Beiträge von Fridulin

    Maikel: Das war nur um nochmal zu zeigen, wie perfide diese Menschen sein können. Wie und ob sich gerade jüngere Menschen wehren können, ist ein ganz andere Frage.

    TCLIP: Wenn es der Handball schafft nun unabhängige Strukturen zu schaffen, wäre extrem viel erreicht und es würde wohl einige Fälle verhindern. Das alles wirklich aufgeklärt wird und die Verantwortlichen auch die folgen ihres Handels tragen müssen, daran glaube ich auch nicht. Um so wichtiger, dass die Chance für wichtige Schritt genutzt wird bevor alle wieder "Alltag" haben ?(

    InTheAirTonight: Er darf sich nicht strafbar machen - alles andere ist Ansichtssache... Mehr lese ich hier auch nicht raus.

    Das Tageblatt hat heute einen Artikel veröffentlich, der sich im Allgemeinen mit Sexuellen Missbrauch befasst.

    Daraus will ich einen Teil zitieren, weil er nochmal unterschiede in den Täterprofile nennt. Es zeigt, wie unterschiedlich und schwer diese zu erkennen sind:

    • „Die unsympathische Autorität“: Beschimpfungen und Bestrafungen sind an der Tagesordnung; die Betroffenen beschreiben ein Klima des Gehorsams und der Angst, welches durch den Täter hervorgerufen wird. Dieser wird als dominante Person mit einer unantastbaren Autorität beschrieben.
    • „Der gewiefte Manipulator“: Er versucht durch Zuneigung, vermehrte Aufmerksamkeit und sportliche Förderung gezielt das Vertrauen der Betroffenen und des Umfeldes zu gewinnen. Einzelne Athleten zu isolieren, ihnen das Gefühl zu geben, auserwählt und etwas Besonderes zu sein, gehören ebenfalls zum manipulativen Vorgehen. Zudem schreckt er auch nicht vor öffentlichen Sanktionen und Demütigungen zurück, sobald er auf Widerstand und „Ungehorsam“ trifft.
    • „Der charmante Loverboy“: Dieser Täter-Typus versteht es, sich durch Komplimente, die über die sportliche Leistung hinausgehen, bei den Athletinnen und anderen (meist weiblichen) Personen beliebt zu machen. Durch das Gegeneinander-Ausspielen der zahlreichen „Bewunderinnen“ wird Neid und Missgunst gesät. Die Bewunderung wird sodann ausgenutzt, um die Betroffenen gefügig zu machen, das Umfeld zu blenden und auf seine Seite zu ziehen.
    • „Der sympathische Kumpel“: Er pflegt zu allen ein freundschaftliches, gar brüderliches Verhältnis, welches sich auch dadurch auszeichnet, dass die Trainer-Athletinnen-Beziehung weit über den Kontext des Sports hinausgeht. Er zeichnet sich zudem durch sein unentwegt hohes und selbstloses Engagement für den Verein und die Kinder und Jugendlichen aus. Er wird zur Vertrauensperson.
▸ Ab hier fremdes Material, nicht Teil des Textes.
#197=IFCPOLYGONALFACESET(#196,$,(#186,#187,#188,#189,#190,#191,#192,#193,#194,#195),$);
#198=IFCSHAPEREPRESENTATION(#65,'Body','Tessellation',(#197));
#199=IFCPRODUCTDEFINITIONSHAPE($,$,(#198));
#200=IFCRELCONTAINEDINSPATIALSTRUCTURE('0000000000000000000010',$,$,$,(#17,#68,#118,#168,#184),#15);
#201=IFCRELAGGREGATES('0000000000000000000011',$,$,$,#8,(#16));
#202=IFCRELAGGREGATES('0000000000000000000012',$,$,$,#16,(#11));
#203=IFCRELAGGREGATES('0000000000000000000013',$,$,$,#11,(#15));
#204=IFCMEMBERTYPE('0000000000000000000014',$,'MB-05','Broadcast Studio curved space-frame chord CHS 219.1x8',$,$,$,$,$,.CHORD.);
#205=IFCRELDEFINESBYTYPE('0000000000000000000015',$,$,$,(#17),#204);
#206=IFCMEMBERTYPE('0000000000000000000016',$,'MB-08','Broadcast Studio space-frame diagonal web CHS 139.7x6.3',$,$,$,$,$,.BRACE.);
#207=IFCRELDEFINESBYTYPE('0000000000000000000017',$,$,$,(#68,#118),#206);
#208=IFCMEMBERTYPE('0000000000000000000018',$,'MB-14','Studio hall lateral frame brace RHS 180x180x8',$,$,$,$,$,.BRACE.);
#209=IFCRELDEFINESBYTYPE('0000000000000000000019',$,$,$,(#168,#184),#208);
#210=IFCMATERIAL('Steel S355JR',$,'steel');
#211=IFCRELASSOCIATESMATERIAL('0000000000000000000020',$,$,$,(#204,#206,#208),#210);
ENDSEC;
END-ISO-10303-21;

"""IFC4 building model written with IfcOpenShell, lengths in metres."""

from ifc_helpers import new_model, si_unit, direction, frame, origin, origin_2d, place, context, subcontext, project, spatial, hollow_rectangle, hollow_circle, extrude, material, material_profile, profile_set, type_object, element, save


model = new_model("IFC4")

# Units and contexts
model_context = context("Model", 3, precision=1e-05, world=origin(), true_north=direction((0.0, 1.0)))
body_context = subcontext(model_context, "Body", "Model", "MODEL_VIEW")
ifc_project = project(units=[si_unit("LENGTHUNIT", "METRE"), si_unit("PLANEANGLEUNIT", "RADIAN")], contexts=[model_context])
    KUEWMT: Du hast recht, aber guckst nur einen Teilbereich an. Er hat als Verantwortlicher eine klare Teilverantwortung (Verletzung der Aufsichtspflich gegenüber Spielerin und Trainer) und ich würde aus den öffentlich genannten Fälle auch eine direkte Verantwortung ableiten. Es hat wohl Gesprächsversuche gegeben mit direkter Beteiligung von T.K.. Es stimmt allerdings auch das es kein Angeklagten ohne Kläger und damit auch keine Grundlage gibt für arbeitsrechtliche Schritte weil die Fälle verjährt sein könnten. Jetzt kommt das große "Aber". Er kann den Sachverhalt nicht abstreiten - Es gab und gibt Fehlverhalten und die berechtigte Frage, ob er als Verantwortlicher wirklich haltbar ist. An dieser Stelle wird die Meldestelle vermutlich ansetzen und dann gibt es die möglichkeit der Freistellung bzw. des Rücktritts von seiner Funktion. Damit wäre sichergestellt, dass er nicht weiter an den Vorgängen und Entscheidungen beteiligt ist. Wie dann die Arbeitsrechtliche Lösung aussieht und was das für die Organisation der HSG bedeutet sollte daher als zweitrangig betrachtet werden. Keiner will, dass am Ende ernsthafte Existensprobleme bei einem Bundesligisten entstehen. Aber die Bedenken sind nicht so wichtig, wie die Aufklärung der Vorgänge und ernsthafte Reformen.

    Woran es am Ende gelegen hat - gute Frage. Wer aber 7 Meter neben das Tor wirft, keine Dynamik im Angriff hat und so viele unpräzise Würfe aus 9-10 Metern macht und die Türhüterin einwirft, der kann nicht gewinnen. Dazu dann noch die technischen Fehler bei überschaubaren Niveau.. Bin da bei InTheAirTonight: Das war einfach gar nichts.

    @Alle: Es wäre gut, wenn wir uns alle nicht von anderen Usern hier triggern lasssen.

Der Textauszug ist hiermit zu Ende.